Bei Stopkategorie 0 wird eine Bremse benötigt, weil das Abschalten des Umrichters während der Antrieb noch läuft zu unkontrollierten Austrudeln führt. 

Ob man eine Bremse benötigt oder nicht ist aber immer anwendungsspezifisch.


----------



## E-Michl (5 Mai 2010)

Hallo nico
Danke für deine Antwort, das ist mir klar.

Mir geht es darum ob die Bremsen überhaupt für den sicheren Halt zugelassen sind. Ich meine dass ich irgendwo in einem Handbuch gelesen habe, dass die
Bremsen nicht für Sicherheitszwecke (z.B. 2-kanalig) ausgelegt bzw. zugelassen sind, sondern nur für prozessbestimmtes halten.


----------



## Superkater (5 Mai 2010)

*Die Bremse ist meist am Motor angebaut*

Hallo,

die Bremsen sind meist am Motor angebaut, und benötigen eine 24VDC oder 208..240VAC Versorgungsspannung.

Es gibt generell 2 Arten von Bremsen:
1.  Haltebremsen mit kleineren Haltemomenten (nicht für Sicheren Halt geeignet).
2. Betriebsbremsen mit größeren Haltemomenten.

Du musst im Datenblatt des Motorhersteller die maximalen Momente und Art der Bremse herauslesen und auch wie oft man eine Vollbremsung machen kann.


----------



## Deltal (5 Mai 2010)

E-Michl schrieb:


> Mir geht es darum ob die Bremsen überhaupt für den sicheren Halt zugelassen sind. Ich meine dass ich irgendwo in einem Handbuch gelesen habe, dass die
> Bremsen nicht für Sicherheitszwecke (z.B. 2-kanalig) ausgelegt bzw. zugelassen sind, sondern nur für prozessbestimmtes halten.

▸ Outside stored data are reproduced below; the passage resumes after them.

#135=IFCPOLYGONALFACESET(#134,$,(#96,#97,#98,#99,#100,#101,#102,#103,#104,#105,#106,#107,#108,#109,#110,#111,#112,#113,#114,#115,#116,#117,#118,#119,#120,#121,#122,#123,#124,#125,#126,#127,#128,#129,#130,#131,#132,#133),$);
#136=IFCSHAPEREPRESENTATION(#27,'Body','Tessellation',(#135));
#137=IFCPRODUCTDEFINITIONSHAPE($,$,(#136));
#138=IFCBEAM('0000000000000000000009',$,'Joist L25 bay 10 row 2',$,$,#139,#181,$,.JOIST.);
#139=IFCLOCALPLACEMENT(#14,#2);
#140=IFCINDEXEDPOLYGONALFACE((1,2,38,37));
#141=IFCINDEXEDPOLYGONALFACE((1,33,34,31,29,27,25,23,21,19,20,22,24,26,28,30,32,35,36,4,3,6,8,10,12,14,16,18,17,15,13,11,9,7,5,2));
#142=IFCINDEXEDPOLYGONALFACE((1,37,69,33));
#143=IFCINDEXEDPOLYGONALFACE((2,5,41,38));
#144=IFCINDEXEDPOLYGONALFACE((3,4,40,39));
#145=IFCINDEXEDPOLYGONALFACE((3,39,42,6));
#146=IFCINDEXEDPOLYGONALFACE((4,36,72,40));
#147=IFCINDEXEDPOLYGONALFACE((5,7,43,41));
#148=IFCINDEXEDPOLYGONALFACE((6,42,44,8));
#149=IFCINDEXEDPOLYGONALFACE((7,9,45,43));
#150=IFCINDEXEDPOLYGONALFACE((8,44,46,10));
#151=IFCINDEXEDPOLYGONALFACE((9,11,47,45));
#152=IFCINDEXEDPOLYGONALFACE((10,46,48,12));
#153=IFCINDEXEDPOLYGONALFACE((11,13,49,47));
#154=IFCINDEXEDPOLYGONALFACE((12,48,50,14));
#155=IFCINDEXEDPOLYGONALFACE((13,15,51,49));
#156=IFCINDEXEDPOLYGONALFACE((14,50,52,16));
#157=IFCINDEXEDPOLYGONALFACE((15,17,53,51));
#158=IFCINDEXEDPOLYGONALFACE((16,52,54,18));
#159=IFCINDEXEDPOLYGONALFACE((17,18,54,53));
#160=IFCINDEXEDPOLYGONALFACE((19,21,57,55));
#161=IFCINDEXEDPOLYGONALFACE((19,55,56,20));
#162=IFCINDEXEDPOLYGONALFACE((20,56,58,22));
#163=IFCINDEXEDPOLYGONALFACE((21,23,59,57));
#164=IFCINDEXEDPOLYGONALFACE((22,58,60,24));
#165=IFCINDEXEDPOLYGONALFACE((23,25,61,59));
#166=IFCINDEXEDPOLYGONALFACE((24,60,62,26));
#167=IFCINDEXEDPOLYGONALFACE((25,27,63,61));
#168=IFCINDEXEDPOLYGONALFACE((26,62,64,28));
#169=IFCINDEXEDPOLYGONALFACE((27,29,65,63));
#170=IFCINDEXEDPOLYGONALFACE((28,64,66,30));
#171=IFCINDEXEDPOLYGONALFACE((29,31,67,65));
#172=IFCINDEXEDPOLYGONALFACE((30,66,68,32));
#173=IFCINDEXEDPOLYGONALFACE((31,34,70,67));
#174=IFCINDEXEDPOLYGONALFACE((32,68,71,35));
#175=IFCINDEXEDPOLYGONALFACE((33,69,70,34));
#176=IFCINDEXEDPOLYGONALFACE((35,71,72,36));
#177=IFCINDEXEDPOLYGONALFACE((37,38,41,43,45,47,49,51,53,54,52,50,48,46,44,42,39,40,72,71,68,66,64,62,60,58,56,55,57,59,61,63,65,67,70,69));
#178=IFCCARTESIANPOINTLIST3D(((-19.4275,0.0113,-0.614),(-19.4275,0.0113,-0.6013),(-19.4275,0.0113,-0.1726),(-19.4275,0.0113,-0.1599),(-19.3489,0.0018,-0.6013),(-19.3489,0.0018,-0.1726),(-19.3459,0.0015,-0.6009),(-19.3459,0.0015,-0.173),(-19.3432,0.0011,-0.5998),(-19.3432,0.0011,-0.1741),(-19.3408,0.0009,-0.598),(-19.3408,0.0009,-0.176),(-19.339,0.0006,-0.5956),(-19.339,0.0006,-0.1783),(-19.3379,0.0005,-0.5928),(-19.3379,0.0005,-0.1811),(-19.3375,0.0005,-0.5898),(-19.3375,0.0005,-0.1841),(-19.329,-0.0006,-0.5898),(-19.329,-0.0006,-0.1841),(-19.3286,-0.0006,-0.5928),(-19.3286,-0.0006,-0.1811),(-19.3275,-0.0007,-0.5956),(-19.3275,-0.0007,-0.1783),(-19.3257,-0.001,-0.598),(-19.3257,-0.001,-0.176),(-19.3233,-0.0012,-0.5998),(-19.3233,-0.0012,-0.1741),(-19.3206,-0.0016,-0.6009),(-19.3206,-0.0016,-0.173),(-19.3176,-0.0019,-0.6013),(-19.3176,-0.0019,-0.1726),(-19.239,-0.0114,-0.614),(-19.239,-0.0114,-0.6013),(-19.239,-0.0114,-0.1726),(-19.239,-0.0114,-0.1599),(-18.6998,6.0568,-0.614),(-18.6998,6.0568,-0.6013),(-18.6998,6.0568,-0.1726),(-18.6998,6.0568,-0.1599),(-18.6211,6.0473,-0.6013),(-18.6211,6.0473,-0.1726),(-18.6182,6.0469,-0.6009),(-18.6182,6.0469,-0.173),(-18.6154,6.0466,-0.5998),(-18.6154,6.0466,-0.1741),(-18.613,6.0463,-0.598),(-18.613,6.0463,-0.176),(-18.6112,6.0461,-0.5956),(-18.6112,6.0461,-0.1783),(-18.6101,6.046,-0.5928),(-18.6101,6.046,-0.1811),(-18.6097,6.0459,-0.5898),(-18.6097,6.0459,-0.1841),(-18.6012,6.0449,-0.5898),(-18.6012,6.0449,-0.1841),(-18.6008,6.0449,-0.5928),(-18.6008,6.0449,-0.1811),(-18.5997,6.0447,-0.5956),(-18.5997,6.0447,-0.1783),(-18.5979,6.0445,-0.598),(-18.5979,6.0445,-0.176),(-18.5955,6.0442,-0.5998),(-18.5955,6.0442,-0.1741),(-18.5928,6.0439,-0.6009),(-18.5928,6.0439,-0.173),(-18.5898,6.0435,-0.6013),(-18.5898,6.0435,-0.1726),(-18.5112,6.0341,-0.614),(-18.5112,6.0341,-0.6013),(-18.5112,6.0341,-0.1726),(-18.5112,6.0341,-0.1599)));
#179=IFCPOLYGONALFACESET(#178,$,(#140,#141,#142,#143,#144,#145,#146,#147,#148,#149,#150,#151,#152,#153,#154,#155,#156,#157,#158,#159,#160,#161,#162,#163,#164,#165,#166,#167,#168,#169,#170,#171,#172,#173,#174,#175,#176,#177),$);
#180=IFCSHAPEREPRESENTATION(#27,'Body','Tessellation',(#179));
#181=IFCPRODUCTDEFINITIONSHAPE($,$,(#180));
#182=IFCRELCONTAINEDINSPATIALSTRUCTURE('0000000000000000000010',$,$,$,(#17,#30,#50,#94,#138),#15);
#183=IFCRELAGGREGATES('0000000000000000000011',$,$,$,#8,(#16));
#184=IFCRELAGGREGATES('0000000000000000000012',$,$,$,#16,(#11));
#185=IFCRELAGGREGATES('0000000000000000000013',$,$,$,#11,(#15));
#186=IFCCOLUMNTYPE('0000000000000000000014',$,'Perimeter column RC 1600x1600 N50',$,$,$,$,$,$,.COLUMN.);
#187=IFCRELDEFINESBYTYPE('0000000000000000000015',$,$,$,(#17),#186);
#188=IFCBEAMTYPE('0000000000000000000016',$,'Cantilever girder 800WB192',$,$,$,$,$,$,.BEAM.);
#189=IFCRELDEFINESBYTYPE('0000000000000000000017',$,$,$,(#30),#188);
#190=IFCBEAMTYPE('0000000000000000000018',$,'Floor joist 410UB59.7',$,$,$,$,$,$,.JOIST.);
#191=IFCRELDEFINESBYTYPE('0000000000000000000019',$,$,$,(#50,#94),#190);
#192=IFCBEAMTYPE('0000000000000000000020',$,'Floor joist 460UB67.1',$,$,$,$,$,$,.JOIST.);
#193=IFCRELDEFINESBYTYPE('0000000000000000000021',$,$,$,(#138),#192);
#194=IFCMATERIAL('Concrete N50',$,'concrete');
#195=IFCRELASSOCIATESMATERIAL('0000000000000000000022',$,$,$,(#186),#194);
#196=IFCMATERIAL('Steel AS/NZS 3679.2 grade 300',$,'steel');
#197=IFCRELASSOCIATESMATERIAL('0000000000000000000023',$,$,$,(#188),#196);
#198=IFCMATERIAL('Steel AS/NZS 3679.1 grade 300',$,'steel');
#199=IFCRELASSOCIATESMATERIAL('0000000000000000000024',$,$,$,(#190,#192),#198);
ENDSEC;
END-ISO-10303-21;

Im Grunde hast du nur bei Hubwerken den Anwendungsfall das du die Last über die Bremse halten musst. Soll die Last sicherheitstechnisch gesichert werden, würde ich eine mechanische Fallsicherung einsetzen oder eine sichere Bremsansteuerung.
Der sichere Halt ist im Grunde nichts anderes, als das die Endstufe im Umrichter kein Drehfeld im Motor mehr erzeugen kann. 

Würdest du bei einem Motor ohne Bremse den sicheren Halt bei Bewegung aktivieren, würde der Motor austrudeln.
Deswegen STO immer über Stop1 realisieren, sprich Motor auf Drehzahl 0 bringen, Bremse einfallen lassen und dann STO aktivieren.


----------